A twitter follower did not appeciate this chart from Nature showing the collection of flu-like symptoms that people reported they have to an UK tracking app.
It's a super-complicated Venn diagram. I have written about this type of chart before (see here); it appears to be somewhat popular in the medicine/biology field.
A Venn diagram is not a data visualization because it doesn't plot the data.

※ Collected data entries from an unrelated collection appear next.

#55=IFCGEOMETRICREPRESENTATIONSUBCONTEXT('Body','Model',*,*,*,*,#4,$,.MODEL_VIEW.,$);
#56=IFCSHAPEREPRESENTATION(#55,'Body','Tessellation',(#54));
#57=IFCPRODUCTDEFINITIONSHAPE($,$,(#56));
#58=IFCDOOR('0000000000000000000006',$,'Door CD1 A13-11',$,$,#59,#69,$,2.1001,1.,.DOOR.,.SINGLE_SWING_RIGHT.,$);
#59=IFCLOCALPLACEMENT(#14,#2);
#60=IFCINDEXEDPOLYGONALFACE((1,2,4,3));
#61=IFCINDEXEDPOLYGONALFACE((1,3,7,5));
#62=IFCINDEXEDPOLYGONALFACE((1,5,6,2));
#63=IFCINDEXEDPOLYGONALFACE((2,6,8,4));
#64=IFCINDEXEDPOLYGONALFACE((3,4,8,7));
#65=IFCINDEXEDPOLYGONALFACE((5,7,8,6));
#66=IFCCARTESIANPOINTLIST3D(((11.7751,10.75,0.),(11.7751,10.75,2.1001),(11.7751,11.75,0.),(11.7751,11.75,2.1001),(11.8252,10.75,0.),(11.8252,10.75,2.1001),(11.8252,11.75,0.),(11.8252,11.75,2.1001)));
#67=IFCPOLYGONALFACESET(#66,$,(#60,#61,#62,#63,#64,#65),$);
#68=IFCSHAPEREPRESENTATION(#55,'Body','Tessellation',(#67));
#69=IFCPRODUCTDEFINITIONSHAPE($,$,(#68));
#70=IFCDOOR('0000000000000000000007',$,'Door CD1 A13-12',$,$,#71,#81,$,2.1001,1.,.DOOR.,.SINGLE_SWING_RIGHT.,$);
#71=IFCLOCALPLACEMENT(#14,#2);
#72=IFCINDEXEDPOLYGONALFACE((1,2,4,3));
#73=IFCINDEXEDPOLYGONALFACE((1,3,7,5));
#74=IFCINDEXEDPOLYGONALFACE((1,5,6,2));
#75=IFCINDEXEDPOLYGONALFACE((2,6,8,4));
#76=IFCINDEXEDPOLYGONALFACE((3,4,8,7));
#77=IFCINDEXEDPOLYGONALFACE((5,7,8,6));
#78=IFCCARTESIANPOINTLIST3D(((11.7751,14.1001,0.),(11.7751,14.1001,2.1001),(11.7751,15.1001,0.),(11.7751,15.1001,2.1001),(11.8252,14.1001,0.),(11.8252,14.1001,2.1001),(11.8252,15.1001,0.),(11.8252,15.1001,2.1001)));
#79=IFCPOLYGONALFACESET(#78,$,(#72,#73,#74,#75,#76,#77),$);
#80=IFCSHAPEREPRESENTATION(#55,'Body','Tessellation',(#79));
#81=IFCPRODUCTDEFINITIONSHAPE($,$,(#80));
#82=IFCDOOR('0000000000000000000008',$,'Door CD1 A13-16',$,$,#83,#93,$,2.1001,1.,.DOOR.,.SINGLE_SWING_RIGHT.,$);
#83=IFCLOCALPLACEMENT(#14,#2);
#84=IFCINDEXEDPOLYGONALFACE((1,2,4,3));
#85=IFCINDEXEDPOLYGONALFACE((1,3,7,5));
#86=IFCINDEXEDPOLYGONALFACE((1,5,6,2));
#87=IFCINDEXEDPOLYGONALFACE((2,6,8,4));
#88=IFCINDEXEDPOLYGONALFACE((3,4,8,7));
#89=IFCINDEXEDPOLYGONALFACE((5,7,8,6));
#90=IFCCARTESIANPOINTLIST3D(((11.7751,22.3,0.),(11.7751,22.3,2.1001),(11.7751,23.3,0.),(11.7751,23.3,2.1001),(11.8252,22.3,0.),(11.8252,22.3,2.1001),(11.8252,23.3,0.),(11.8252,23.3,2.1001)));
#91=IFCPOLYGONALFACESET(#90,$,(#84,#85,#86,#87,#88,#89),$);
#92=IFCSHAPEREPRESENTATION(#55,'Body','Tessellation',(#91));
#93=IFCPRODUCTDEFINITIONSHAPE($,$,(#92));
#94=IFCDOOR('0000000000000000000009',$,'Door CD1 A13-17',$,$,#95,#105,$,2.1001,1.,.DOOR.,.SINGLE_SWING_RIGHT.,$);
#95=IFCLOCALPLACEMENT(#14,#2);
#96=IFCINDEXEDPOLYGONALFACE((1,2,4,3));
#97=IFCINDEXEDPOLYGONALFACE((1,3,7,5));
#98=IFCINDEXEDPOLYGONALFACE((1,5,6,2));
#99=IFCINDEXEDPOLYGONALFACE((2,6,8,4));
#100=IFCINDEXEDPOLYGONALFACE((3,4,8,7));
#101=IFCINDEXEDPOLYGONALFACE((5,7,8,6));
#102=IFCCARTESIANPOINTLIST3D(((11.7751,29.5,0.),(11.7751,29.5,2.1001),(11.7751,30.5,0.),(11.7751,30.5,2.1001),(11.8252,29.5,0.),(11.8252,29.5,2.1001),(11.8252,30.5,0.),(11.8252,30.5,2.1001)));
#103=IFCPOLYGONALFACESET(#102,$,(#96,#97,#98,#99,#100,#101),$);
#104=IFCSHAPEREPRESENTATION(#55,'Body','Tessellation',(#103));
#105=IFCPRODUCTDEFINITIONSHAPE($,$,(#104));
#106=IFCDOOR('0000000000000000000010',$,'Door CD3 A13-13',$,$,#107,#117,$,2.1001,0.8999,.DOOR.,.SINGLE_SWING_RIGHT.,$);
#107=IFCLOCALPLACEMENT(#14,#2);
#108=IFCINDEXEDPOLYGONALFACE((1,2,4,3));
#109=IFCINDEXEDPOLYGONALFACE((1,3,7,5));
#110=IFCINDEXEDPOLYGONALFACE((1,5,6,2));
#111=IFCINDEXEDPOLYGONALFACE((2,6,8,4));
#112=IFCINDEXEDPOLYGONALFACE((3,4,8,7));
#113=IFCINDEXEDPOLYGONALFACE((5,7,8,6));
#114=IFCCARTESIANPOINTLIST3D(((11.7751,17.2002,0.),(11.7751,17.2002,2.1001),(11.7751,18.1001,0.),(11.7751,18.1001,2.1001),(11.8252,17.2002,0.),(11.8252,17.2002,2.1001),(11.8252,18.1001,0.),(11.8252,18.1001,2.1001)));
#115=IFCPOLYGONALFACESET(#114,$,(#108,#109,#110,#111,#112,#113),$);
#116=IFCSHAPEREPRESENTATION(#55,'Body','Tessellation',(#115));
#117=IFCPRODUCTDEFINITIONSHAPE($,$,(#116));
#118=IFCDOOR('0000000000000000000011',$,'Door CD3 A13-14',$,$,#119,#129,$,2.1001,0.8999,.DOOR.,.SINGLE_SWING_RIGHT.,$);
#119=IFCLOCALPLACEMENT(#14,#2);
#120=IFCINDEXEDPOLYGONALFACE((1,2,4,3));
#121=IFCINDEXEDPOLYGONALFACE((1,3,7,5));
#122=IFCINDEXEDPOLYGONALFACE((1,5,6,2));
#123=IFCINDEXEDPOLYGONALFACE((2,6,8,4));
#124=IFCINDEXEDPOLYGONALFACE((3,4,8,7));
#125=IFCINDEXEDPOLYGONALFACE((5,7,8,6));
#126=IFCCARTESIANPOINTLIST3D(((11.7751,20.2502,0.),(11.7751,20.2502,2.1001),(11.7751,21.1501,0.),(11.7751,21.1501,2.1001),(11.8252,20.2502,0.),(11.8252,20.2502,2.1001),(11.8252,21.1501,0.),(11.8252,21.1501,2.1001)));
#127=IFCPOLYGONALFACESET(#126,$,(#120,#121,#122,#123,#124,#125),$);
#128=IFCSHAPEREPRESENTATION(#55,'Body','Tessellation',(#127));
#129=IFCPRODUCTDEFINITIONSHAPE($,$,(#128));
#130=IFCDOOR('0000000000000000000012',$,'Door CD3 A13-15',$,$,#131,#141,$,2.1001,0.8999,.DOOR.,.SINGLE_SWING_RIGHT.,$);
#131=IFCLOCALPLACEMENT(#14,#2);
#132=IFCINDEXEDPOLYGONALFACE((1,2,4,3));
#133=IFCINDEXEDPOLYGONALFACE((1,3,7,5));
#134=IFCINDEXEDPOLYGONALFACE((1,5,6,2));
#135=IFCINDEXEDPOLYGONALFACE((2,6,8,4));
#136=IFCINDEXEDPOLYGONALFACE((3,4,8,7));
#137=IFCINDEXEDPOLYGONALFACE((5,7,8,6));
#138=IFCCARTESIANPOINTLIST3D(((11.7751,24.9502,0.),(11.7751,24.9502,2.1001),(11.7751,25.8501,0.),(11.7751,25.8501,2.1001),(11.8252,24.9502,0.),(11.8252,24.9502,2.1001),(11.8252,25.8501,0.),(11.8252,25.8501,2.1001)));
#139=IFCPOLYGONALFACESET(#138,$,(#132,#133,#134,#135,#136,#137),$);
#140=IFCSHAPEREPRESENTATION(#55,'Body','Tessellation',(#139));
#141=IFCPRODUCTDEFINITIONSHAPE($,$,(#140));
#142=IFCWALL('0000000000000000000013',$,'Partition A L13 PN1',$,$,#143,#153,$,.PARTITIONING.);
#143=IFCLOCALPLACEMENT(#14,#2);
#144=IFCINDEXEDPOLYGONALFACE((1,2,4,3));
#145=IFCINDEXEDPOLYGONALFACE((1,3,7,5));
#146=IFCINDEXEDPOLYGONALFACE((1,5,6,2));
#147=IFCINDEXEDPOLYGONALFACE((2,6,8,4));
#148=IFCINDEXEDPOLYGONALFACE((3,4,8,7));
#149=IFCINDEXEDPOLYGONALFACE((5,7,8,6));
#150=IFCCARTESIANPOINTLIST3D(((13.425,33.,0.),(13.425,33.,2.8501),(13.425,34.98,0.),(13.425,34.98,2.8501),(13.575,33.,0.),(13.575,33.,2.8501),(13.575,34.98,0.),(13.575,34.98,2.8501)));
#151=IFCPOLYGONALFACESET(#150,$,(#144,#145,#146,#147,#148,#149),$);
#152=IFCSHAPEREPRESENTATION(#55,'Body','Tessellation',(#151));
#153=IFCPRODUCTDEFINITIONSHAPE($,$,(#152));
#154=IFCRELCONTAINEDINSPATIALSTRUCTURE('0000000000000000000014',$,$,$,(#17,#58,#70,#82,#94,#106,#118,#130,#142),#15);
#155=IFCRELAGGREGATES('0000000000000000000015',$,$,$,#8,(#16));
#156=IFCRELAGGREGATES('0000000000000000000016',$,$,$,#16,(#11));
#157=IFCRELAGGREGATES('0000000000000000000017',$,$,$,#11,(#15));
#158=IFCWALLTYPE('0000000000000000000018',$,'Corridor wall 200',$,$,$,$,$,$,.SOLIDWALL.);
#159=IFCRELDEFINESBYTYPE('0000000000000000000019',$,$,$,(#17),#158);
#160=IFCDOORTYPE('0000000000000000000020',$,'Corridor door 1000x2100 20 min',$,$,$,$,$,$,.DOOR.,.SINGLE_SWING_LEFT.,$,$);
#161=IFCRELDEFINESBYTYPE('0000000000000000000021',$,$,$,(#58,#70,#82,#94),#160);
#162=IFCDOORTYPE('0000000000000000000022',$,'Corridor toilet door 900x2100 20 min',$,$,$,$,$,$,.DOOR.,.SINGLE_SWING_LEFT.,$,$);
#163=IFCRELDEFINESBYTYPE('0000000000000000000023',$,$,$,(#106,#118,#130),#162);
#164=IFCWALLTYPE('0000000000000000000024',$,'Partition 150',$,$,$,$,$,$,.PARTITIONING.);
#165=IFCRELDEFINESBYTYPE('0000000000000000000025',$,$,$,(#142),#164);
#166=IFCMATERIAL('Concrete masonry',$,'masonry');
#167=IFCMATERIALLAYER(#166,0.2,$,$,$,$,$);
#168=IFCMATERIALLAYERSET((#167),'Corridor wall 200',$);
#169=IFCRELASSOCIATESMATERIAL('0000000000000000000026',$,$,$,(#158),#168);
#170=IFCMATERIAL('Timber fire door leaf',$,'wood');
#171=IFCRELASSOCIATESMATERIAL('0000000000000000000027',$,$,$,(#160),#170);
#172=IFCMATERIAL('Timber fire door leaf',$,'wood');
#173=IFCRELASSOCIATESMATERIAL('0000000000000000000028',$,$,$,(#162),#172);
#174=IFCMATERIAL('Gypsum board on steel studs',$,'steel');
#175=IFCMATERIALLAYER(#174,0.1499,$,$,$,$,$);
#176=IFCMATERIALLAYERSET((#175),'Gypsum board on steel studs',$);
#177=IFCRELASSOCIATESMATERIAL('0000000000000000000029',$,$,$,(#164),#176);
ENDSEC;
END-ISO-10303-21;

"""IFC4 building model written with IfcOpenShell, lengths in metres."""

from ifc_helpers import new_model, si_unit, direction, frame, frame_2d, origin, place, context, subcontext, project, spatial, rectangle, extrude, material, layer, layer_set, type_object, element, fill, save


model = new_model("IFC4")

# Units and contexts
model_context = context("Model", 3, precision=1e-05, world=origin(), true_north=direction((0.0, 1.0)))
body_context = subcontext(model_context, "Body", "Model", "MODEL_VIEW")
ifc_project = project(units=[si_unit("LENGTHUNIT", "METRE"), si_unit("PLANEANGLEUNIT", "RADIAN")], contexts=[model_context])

Notice that the different compartments of the Venn diagram do not have data encoded in the areas.
The chart also fails the self-sufficiency test because if you remove the data from it, you end up with a data container - like a world map showing country boundaries and no data.
If you're new here: if a graphic requires the entire dataset to be printed on it for comprehension, then the visual elements of the graphic are not doing any work. The graphic cannot stand on its own.
When the Venn diagram gets complicated, teeming with many compartments, there will be quite a few empty compartments. If I have to make this chart, I'd be nervous about leaving out a number or two by accident. An empty cell can be truly empty or an oversight.
Another trap is that the total doesn't add up. The numbers on this graphic add to 1,764 whereas the study population in the preprint was 1,702. Interestingly, this diagram doesn't show up in the research paper. Given how they winnowed down the study population from all the app downloads, I'm sure there is an innocent explanation as to why those two numbers don't match.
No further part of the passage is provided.